Nr. 18 BRIEF VAN DE MINISTER VAN ONDERWIJS, CULTUUR EN WETENSCHAP

Aan de Voorzitter van de Tweede Kamer der Staten-Generaal

Den Haag, 11 mei 2015

In de brief van 2 april jl. heeft de vaste commissie voor Onderwijs, Cultuur en Wetenschap opheldering gevraagd over een aantal punten van de onderwijsbeleidsdoorlichtingen «Prestaties van leerlingen en studenten omhoog», «Goed opgeleide en professionele leraren, docenten en schoolleiders» en «Doelmatigheid en focus op het onderwijs».

In deze brief zal ik ingaan op het verzoek om opheldering. In de brief worden vier punten genoemd, welke ik per punt zal behandelen.

Vooraf wil ik uw Kamer graag meegeven dat OCW de beleidsdoorlichtingen niet uitvoert op artikelniveau maar juist op de speerpunten van het beleid (artikel overschrijdend) zoals genoemd in de beleidsagenda van de begroting OCW 2012.

Het eerste punt is als volgt omschreven:

Niet duidelijk is welke effectstudies die volgens de begroting 2014 voor bovengenoemde beleidsdoorlichtingen in 2015 beschikbaar zouden komen (waarvoor de beleidsdoorlichting werd uitgesteld), inderdaad beschikbaar komen en worden betrokken in deze beleidsdoorlichting. Het is daarmee de vraag of sprake is van synthese-onderzoek, of dat slechts gedeeltelijk uitspraken kunnen worden gedaan over effecten en doelmatigheid van het beleid. Bovendien is onduidelijk welke andere evaluaties en onderzoeksmateriaal – naast de Lerarenagenda, de beleidsdoorlichtingen «Scholen en instellingen met een ambitieus leerklimaat» en «Scholen en instellingen maken resultaten inzichtelijk» – worden betrokken en of er eventueel aanvullend onderzoek zal worden uitgevoerd.

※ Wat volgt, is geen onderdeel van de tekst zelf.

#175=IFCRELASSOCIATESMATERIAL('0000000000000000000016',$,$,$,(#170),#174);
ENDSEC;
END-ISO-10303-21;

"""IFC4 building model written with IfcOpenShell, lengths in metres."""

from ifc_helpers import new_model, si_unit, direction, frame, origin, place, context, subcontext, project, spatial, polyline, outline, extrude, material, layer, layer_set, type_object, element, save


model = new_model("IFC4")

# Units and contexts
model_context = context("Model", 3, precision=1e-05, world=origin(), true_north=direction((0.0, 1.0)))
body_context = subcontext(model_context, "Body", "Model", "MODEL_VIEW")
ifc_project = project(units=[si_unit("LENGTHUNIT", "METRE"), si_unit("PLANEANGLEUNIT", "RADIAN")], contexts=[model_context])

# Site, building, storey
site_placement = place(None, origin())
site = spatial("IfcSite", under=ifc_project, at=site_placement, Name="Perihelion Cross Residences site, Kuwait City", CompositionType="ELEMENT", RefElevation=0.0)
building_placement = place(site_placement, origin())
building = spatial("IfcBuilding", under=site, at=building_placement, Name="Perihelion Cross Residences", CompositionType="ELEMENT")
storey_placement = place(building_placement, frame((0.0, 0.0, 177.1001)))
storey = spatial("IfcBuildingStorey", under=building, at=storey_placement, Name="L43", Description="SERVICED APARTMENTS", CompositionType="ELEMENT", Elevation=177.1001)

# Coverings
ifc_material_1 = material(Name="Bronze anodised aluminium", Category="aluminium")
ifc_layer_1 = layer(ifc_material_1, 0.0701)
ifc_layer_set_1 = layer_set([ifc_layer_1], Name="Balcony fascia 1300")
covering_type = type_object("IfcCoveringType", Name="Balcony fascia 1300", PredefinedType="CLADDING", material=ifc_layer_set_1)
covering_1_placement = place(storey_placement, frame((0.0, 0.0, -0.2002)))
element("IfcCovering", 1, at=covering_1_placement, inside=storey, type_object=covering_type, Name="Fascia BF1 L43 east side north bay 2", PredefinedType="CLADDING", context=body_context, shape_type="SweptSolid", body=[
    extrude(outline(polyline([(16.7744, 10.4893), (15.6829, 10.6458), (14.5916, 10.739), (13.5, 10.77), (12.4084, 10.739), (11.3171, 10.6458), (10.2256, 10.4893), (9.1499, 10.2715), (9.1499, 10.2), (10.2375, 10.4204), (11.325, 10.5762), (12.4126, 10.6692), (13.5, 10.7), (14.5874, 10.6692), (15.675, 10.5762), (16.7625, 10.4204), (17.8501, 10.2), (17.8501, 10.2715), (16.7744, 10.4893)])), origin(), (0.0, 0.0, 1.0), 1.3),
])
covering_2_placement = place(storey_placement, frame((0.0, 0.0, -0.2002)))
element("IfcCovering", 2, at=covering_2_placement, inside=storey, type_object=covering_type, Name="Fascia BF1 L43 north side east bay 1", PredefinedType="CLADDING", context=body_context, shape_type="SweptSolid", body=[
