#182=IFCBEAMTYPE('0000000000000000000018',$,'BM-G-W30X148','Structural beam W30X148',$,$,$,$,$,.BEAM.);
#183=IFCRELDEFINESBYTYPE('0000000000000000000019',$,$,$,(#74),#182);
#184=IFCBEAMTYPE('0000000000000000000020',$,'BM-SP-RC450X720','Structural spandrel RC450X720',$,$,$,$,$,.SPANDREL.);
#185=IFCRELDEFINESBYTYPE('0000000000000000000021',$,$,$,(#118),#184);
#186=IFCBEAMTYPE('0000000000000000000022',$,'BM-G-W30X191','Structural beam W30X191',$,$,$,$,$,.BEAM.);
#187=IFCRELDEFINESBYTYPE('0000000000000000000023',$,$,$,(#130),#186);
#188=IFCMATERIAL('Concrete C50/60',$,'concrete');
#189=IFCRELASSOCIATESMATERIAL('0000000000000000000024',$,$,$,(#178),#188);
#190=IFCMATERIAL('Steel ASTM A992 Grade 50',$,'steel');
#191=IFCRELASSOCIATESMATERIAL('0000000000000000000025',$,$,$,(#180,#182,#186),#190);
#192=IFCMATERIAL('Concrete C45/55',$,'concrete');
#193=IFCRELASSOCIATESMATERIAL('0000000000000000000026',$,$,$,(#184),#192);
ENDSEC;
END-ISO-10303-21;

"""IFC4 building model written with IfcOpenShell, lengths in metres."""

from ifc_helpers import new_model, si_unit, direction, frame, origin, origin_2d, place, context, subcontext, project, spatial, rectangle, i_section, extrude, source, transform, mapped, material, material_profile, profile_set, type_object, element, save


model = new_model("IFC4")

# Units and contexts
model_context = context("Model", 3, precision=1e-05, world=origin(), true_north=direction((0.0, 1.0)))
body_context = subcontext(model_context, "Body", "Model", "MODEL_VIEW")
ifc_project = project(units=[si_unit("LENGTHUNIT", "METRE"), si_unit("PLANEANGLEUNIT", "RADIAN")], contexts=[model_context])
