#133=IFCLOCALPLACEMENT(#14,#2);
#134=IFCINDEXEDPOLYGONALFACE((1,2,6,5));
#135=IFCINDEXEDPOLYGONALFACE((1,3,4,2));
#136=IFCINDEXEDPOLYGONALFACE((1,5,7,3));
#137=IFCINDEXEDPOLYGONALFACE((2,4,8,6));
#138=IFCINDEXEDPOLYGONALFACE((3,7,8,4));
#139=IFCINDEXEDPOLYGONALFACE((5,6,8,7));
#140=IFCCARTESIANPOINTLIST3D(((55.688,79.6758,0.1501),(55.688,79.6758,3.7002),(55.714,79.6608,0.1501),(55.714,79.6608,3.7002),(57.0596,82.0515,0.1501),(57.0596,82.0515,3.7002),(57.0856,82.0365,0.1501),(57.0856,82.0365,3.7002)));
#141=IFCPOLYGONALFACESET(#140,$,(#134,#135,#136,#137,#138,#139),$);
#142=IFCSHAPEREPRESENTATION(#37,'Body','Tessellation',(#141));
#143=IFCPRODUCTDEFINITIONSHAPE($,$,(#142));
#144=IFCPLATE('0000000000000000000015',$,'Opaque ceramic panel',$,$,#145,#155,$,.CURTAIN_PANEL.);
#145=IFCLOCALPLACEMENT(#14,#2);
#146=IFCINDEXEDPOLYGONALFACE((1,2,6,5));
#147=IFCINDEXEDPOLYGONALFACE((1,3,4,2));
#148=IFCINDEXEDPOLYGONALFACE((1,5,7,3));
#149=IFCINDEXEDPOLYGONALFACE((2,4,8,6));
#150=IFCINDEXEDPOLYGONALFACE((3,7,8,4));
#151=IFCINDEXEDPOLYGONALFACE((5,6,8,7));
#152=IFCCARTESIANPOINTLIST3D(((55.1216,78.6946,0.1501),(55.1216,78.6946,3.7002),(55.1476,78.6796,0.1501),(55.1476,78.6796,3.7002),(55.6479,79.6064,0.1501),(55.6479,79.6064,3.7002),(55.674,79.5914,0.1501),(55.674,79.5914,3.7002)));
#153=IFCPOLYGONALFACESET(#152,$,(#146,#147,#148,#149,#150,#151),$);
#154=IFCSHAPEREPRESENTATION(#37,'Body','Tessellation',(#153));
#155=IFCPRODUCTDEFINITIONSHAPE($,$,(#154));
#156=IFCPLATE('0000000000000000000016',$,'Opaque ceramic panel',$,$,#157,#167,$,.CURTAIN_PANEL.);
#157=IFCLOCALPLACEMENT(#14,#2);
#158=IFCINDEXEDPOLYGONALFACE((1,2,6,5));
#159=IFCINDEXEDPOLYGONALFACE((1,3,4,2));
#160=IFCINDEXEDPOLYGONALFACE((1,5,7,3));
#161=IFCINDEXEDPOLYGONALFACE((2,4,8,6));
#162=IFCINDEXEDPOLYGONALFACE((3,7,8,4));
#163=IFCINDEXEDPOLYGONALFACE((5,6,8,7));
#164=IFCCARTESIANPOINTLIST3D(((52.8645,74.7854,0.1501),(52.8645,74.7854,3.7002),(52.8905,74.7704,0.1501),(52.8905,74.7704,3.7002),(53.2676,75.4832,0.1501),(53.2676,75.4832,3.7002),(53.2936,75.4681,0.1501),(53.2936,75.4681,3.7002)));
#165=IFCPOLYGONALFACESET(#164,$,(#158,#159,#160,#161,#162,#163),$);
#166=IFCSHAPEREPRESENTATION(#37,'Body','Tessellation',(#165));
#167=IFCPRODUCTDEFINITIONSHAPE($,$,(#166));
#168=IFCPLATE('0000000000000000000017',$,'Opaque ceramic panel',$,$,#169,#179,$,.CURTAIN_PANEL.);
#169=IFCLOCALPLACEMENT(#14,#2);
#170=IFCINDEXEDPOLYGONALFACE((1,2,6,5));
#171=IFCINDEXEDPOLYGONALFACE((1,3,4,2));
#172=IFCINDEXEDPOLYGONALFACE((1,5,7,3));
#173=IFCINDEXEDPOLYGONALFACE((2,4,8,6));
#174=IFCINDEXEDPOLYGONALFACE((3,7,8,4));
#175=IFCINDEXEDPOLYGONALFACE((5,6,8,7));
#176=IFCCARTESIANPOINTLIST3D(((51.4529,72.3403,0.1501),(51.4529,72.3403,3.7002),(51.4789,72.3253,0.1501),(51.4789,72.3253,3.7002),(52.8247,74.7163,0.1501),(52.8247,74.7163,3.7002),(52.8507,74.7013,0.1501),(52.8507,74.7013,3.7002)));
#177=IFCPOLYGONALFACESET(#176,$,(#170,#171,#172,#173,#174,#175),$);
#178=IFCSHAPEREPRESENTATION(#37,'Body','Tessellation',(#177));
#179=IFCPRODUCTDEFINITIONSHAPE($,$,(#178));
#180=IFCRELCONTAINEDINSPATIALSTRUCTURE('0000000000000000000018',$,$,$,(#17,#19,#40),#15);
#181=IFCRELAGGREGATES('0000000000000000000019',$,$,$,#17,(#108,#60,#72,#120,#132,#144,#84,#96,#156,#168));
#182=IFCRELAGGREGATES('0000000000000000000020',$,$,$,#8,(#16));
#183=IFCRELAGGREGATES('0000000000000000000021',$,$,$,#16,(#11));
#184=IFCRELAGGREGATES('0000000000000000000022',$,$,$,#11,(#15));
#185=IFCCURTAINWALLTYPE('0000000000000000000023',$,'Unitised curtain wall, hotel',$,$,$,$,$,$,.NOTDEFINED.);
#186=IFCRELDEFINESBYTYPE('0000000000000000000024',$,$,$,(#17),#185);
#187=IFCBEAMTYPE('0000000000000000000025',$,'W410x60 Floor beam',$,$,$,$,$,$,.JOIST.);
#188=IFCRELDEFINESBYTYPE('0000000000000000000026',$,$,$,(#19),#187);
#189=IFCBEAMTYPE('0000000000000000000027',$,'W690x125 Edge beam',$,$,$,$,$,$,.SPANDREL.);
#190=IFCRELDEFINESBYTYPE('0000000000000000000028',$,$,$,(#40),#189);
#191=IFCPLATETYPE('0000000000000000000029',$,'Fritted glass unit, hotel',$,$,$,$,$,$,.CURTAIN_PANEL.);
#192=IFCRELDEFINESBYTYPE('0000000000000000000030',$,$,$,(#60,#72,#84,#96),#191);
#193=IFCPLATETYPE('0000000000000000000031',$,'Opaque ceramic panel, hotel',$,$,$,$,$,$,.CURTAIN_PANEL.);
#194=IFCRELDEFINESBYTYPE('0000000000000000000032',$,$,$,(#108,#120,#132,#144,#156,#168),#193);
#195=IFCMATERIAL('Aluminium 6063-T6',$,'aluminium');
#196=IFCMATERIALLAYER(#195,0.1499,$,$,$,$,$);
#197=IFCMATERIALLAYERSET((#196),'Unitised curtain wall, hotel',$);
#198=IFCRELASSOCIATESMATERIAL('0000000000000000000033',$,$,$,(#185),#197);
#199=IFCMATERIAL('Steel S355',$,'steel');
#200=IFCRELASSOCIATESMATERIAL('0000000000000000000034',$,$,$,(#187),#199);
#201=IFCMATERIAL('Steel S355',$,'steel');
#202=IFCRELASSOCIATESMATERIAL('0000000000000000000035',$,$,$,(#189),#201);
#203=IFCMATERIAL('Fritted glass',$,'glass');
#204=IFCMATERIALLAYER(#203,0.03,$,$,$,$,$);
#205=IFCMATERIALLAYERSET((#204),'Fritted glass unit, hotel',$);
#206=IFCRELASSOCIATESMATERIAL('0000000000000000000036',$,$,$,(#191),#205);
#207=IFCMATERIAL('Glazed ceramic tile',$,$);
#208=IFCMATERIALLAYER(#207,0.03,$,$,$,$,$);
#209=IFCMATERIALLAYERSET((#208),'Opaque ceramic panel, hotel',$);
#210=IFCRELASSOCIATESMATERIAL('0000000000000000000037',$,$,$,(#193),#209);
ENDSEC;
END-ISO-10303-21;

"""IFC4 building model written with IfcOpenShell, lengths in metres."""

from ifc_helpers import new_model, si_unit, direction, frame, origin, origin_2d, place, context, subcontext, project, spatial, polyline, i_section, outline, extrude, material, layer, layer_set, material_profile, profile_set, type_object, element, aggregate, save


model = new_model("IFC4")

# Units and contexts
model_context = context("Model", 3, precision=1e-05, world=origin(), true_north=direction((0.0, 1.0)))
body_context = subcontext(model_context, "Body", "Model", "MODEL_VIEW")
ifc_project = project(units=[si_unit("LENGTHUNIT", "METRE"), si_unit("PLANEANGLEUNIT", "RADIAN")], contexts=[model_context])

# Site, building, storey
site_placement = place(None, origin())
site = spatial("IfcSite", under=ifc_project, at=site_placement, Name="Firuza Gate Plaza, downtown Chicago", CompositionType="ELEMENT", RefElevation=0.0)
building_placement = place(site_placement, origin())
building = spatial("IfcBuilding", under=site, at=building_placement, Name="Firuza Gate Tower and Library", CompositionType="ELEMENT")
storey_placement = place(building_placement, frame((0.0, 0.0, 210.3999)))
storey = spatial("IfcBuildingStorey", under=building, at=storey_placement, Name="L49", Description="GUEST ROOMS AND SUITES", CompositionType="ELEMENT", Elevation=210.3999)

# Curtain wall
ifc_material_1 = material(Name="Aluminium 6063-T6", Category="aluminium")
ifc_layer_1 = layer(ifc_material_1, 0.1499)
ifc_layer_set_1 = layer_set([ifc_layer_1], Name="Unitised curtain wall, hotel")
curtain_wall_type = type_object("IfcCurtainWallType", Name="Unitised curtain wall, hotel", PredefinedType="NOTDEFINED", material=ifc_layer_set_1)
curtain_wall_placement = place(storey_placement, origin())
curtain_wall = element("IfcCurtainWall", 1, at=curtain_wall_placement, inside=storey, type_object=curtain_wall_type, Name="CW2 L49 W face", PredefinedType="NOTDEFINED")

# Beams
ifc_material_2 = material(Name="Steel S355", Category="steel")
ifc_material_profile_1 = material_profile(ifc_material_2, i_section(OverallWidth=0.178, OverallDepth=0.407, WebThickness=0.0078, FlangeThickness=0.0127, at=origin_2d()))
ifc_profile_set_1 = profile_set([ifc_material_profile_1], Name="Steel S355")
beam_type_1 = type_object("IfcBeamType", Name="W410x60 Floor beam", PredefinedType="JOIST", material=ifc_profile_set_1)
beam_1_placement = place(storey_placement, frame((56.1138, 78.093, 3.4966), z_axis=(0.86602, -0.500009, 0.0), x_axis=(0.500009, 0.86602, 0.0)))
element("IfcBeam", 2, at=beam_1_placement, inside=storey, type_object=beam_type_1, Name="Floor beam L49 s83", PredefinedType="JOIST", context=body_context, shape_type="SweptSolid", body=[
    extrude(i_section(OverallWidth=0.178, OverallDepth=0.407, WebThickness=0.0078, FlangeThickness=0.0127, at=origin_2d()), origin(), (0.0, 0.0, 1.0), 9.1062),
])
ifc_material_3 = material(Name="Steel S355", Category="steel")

Voor de beleidsdoorlichtingen 2015 zal gebruik worden gemaakt van al het bestaand onderzoek (synthese onderzoek) met doeltreffendheid en doelmatigheid als uitgangspunt. Momenteel wordt geïnventariseerd welke onderzoeken allemaal gebruikt zullen worden. Zo zullen voor de beleidsdoorlichting ook onderzoeken worden gebruikt die in 2014/2015 beschikbaar zijn gekomen, zoals het experiment «flexibiliteit in het onderwijs» van po, de monitor experimenten, Associate Degree op MBO-locatie en de analyse effectrapportage RMC van mbo en de effectevaluatie lerarenbeurs en de effecten master opgeleide leraren.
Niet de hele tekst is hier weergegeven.